Token Comparison (verified via OpenAI tokenizer)
| Dataset | JSON tokens | TeaLeaf tokens | Savings |
|---|---|---|---|
| Healthcare records | 903 | 572 | 37% |
| Retail orders | 9,829 | 5,632 | 43% |
At the API level, prompt instructions are identical for both formats, diluting data-only savings (~36%) to ~30% of total input tokens.
Structured Outputs
LLMs can also produce TeaLeaf-formatted responses:
@struct Insight (category: string, finding: string, confidence: float)
analysis: @table Insight [
(revenue, "Q4 revenue grew 15% YoY", 0.92),
(churn, "Customer churn decreased by 3%", 0.87),
(forecast, "Projected 20% growth in Q1", 0.73),
]
This can then be parsed and processed programmatically:
#![allow(unused)]
fn main() {
let response = TeaLeaf::parse(&llm_output)?;
if let Some(Value::Array(insights)) = response.get("analysis") {
for insight in insights {
// Process each structured insight
}
}
}
Best Practices
- Define schemas for all structured context – tool definitions, messages, profiles
- Use
@tablefor arrays of uniform objects – conversation history, search results - Use compact text for LLM input –
FormatOptions::compact().with_compact_floats()for maximum token savings - Cache compiled binary for frequently-used context segments
- String deduplication helps when context has repetitive strings (roles, tool names)

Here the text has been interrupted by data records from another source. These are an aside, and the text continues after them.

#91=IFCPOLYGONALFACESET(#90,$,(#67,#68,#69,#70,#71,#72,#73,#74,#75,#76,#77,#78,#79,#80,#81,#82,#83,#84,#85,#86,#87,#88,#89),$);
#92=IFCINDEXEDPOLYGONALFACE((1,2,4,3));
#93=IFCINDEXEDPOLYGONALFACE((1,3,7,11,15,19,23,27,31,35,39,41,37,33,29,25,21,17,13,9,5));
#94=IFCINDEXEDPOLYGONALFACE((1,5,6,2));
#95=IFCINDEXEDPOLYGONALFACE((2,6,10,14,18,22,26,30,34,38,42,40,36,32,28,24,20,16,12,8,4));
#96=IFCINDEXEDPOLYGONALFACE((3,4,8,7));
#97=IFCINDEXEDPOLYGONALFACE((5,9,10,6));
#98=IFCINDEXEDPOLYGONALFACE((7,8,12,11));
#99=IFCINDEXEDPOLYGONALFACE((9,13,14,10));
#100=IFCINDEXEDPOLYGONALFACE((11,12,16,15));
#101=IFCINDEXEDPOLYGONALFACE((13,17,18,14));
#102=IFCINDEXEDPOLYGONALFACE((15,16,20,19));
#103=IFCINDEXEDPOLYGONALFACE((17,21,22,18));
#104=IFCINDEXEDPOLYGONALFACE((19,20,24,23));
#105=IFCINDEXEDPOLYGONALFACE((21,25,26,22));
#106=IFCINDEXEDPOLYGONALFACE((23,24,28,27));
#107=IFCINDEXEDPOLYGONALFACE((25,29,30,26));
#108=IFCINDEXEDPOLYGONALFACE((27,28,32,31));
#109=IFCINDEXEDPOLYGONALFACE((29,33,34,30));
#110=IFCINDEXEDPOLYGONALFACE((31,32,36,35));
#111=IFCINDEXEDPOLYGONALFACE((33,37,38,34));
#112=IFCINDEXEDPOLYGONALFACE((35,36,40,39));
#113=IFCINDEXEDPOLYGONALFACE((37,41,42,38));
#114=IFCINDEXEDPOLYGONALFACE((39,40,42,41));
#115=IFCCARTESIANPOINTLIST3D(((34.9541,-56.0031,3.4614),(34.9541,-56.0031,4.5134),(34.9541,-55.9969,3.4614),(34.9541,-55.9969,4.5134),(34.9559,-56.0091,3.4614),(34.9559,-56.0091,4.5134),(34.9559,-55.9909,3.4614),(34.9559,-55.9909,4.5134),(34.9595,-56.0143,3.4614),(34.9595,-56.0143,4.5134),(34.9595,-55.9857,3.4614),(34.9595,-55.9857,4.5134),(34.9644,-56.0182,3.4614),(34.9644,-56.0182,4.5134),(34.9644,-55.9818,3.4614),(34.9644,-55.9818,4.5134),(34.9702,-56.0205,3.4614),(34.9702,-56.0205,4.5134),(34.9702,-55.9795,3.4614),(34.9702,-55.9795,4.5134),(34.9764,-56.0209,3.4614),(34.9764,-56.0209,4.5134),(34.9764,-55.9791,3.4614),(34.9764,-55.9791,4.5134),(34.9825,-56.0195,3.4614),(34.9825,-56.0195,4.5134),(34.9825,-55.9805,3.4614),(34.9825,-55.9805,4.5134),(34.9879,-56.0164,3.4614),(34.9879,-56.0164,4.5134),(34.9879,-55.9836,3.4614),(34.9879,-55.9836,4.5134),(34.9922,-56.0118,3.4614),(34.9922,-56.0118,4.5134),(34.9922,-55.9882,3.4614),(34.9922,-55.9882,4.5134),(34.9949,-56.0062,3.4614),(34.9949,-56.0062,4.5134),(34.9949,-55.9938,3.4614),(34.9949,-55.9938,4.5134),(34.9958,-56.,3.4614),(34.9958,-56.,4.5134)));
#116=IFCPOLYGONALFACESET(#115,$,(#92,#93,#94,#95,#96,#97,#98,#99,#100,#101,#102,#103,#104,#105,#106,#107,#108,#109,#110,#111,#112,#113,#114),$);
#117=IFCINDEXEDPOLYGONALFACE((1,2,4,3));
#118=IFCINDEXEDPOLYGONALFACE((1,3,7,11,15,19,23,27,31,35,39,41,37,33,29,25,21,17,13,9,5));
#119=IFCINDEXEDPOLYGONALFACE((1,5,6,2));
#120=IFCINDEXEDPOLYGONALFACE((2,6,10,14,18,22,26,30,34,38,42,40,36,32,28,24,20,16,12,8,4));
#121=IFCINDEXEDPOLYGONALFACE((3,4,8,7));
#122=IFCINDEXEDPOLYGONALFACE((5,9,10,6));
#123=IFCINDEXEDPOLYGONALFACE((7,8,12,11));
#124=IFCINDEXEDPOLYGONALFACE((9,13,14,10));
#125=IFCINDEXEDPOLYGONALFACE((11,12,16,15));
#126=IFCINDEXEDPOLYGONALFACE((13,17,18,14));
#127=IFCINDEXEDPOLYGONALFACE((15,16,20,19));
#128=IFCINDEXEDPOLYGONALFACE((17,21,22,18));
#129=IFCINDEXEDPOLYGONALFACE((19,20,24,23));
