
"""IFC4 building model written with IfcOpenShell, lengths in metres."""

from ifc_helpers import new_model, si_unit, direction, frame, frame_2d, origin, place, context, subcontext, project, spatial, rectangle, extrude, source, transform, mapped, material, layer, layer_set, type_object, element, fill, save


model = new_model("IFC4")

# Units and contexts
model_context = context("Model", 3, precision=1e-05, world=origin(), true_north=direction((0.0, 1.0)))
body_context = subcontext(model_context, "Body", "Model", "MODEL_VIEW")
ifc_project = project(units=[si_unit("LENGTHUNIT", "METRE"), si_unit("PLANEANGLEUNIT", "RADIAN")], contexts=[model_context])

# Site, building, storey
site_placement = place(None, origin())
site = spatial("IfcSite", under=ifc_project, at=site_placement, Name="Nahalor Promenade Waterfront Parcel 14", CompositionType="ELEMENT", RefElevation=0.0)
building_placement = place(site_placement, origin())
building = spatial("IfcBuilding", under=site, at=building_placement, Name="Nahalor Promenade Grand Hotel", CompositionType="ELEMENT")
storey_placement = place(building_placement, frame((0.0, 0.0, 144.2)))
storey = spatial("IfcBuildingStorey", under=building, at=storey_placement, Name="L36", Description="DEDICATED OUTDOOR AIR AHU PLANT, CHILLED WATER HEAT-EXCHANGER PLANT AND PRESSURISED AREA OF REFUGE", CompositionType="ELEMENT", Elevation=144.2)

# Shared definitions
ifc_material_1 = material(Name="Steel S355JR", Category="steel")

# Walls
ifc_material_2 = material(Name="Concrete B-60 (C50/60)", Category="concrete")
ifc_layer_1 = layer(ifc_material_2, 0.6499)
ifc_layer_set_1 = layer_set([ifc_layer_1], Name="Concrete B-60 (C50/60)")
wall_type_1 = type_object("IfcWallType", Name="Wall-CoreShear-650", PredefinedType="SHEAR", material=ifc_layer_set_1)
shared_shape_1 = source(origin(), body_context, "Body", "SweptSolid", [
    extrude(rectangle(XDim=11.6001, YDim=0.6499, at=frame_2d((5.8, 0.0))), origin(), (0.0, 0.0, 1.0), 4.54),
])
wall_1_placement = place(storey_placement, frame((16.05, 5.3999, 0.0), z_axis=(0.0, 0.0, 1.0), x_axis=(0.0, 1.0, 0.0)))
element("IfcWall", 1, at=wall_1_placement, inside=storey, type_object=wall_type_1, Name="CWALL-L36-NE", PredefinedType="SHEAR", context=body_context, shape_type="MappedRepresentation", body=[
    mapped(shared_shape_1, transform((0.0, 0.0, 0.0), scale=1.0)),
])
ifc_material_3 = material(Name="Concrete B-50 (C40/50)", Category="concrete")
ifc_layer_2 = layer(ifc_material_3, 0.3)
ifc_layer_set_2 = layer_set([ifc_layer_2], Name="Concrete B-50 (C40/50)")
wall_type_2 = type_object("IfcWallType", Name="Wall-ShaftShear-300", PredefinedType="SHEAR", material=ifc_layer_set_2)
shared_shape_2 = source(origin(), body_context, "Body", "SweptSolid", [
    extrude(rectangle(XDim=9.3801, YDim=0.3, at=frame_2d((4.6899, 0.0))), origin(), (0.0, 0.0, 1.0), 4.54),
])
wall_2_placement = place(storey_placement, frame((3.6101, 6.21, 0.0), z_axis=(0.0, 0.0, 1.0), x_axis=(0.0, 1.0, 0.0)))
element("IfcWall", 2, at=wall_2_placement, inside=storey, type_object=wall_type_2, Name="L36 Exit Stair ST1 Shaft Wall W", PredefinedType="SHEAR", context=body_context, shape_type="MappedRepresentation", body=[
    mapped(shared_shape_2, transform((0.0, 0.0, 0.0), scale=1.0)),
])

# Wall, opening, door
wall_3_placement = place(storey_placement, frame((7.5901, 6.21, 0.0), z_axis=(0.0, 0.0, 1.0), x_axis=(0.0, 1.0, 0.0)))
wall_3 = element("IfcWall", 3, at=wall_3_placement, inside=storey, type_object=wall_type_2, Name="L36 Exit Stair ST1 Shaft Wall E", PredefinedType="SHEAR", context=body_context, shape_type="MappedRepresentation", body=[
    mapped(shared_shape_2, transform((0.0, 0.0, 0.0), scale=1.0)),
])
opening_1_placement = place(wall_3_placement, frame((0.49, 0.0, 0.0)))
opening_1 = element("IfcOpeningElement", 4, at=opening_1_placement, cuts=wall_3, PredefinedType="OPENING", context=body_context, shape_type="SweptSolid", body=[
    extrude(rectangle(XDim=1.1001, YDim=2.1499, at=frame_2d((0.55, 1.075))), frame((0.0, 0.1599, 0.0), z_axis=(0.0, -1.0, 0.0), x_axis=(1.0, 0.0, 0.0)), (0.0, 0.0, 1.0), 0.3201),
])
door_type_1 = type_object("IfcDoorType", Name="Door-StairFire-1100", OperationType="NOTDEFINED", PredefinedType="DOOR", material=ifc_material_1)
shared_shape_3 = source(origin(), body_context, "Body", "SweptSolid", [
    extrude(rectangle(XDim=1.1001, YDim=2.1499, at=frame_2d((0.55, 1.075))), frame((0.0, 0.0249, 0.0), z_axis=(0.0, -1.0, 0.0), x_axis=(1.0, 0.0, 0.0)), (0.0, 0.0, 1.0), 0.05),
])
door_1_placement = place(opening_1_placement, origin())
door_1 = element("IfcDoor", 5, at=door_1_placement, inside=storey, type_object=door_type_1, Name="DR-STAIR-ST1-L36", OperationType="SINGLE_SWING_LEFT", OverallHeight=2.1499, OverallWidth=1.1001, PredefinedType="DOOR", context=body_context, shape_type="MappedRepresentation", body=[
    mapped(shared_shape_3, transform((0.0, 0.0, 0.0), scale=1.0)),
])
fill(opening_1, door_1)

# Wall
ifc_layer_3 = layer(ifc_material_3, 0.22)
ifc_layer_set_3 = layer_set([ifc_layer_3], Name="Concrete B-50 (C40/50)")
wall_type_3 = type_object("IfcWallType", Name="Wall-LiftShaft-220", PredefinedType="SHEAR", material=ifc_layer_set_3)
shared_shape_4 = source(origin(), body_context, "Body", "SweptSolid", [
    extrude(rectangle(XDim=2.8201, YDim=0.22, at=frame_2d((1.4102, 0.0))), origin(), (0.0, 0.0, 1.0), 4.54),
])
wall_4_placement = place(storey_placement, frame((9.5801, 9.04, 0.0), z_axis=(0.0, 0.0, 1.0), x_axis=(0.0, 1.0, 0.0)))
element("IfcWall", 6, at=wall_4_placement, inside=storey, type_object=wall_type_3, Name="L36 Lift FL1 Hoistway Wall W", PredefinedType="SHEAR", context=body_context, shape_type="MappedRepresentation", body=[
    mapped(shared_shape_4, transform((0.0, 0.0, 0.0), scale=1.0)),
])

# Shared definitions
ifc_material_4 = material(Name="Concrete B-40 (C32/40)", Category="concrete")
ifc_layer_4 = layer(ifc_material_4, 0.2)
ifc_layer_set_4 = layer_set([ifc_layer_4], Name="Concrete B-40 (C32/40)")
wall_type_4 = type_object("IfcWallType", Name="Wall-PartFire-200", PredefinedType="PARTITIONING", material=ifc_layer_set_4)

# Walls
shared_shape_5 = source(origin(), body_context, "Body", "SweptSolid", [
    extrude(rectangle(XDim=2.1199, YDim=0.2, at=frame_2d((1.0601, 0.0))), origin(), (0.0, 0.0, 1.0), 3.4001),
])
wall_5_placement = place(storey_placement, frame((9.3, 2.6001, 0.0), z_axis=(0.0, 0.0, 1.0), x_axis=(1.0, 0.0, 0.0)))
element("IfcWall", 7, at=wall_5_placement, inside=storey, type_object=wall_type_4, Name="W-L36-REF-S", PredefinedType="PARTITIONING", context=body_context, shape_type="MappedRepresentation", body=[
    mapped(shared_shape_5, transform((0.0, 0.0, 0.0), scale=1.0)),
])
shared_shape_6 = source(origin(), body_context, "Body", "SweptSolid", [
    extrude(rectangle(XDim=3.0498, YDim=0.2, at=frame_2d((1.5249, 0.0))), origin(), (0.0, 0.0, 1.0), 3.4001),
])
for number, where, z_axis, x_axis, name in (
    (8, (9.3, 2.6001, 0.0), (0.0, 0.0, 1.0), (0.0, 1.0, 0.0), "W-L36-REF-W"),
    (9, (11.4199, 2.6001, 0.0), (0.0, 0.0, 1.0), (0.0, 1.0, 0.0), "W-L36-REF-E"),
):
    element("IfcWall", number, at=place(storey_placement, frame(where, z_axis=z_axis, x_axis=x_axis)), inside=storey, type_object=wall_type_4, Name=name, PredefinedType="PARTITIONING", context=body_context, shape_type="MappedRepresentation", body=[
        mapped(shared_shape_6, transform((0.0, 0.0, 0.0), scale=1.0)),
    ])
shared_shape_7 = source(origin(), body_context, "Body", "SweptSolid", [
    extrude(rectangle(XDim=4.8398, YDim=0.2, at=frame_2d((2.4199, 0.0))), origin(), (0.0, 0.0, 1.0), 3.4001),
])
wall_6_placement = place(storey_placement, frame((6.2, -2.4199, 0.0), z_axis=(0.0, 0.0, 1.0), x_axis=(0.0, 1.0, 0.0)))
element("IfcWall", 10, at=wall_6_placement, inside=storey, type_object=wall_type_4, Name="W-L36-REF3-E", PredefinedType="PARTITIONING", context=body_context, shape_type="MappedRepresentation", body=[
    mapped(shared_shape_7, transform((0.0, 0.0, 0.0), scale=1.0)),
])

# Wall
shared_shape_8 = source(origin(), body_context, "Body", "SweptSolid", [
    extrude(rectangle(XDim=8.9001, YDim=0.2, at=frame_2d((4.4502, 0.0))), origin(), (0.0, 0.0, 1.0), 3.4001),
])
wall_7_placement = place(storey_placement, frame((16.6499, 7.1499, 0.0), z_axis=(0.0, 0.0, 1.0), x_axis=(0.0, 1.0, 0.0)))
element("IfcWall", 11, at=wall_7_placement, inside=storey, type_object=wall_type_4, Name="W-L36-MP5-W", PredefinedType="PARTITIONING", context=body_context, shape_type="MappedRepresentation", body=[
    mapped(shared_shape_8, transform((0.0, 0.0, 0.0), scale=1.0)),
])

- Separate static and dynamic context – compile static context once, merge at runtime
Benchmark Results
The accuracy-benchmark suite compares TeaLeaf vs JSON vs TOON on Claude Sonnet 4.5 and GPT-5.2:
Real-world results (14 tasks, 7 domains, Claude Sonnet 4.5 + GPT-5.2):
| Metric | TeaLeaf | JSON | TOON |
|---|---|---|---|
| Anthropic accuracy | 0.942 | 0.945 | 0.939 |
| OpenAI accuracy | 0.925 | 0.924 | 0.928 |
| Input token savings | -51% | baseline | -20% |
- No accuracy loss – scores within noise across all three formats
- Savings range from 27% (small datasets) to 77% (tabular data)
- Evidence package with prompts, responses, and analysis available in
accuracy-benchmark/evidence/ - See the benchmark README for full methodology and results.